Demnach haben die Berliner Wohnungsgenossenschaften 2014 insgesamt rund 426 Mio. € in
Neubau, Instandhaltung und Modernisierung investiert, rund 111 Mio. € davon allein in den
Neubau. Das war der höchste Stand seit Beginn der Erfassungen dieser Zahlen durch den BBU vor 25 Jahren. Für 2015 gehen die Genossenschaften sogar von einem Neubau-Investitionsvolumen von rund 184 Mio. € aus.
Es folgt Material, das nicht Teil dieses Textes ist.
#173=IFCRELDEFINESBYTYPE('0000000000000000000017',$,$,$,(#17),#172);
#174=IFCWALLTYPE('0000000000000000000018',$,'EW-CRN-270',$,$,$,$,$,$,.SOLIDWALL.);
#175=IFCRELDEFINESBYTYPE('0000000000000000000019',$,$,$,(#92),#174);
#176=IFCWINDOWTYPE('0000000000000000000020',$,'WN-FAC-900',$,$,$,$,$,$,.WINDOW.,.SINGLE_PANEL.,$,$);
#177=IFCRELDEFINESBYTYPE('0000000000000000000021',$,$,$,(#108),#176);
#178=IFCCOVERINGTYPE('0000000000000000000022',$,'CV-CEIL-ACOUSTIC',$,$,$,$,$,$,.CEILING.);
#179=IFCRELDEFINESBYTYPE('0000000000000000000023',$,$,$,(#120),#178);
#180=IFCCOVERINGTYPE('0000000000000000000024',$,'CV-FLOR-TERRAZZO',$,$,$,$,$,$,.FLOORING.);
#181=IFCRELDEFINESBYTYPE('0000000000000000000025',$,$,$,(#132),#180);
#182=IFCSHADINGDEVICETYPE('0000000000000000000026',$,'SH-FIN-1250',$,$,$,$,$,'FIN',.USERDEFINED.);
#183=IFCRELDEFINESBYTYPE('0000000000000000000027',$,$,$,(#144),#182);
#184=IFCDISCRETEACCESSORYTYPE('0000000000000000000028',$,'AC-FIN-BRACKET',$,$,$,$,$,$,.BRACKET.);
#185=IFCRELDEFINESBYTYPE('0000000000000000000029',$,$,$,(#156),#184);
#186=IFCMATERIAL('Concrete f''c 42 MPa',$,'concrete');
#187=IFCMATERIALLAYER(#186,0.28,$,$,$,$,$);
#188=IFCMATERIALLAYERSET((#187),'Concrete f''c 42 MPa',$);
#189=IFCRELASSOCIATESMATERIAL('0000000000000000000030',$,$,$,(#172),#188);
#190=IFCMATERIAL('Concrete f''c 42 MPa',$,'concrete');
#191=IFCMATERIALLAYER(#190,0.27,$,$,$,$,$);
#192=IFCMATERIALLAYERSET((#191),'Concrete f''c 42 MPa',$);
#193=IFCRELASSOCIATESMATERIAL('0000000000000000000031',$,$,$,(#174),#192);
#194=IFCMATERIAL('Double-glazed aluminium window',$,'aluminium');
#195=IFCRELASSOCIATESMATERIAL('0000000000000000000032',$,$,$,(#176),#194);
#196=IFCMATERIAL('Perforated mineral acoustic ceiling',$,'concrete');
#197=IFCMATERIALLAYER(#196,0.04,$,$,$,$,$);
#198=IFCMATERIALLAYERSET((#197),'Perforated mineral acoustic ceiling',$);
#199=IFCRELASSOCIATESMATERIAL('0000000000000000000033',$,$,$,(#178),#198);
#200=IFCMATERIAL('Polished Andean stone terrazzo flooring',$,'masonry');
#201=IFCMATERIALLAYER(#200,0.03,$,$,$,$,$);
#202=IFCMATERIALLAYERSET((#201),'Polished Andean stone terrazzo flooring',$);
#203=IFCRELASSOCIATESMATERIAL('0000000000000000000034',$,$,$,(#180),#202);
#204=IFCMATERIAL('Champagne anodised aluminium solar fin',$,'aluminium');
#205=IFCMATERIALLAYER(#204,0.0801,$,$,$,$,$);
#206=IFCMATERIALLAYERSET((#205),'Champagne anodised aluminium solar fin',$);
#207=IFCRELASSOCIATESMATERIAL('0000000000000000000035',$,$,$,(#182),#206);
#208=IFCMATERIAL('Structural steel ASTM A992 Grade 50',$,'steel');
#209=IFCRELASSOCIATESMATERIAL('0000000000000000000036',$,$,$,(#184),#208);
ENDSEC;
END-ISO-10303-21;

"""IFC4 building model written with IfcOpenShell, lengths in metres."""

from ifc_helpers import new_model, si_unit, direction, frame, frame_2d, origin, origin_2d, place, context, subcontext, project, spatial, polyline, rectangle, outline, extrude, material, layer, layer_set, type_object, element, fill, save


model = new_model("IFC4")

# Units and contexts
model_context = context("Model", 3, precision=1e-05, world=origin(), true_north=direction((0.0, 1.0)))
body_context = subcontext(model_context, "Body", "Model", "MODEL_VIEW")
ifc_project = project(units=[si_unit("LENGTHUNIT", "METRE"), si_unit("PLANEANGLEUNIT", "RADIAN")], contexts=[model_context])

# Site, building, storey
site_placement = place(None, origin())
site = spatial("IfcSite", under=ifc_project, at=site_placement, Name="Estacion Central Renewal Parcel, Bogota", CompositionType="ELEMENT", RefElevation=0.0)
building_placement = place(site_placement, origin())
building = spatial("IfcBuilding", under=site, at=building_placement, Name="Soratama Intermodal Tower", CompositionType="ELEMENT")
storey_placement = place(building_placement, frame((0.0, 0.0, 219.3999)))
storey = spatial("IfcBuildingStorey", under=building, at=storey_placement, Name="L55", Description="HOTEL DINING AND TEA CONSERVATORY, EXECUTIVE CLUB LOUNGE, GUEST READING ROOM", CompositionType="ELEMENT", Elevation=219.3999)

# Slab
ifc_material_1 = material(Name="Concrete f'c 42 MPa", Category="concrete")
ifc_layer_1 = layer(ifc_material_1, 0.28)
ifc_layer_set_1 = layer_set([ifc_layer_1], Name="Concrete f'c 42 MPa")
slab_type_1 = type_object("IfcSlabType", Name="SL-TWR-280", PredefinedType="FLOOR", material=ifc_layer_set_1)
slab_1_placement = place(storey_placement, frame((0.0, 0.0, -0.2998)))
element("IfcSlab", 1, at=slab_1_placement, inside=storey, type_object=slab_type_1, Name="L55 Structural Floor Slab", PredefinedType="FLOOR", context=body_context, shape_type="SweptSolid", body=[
Bemerkenswert ist sowohl die Rekordhöhe, aber auch das Tempo des Wachstums der Neubauinvestitionen: In den fünf Jahren zwischen 2010 und 2015 kam es hier zu einer Versiebenfachung. 2014 wurden 636 neue Genossenschaftswohnungen fertig gestellt, bis 2016 sollen mindestens 1.362 weitere folgen. Allein 2014 wurde mit dem Bau von 996 neuen Wohnungen begonnen.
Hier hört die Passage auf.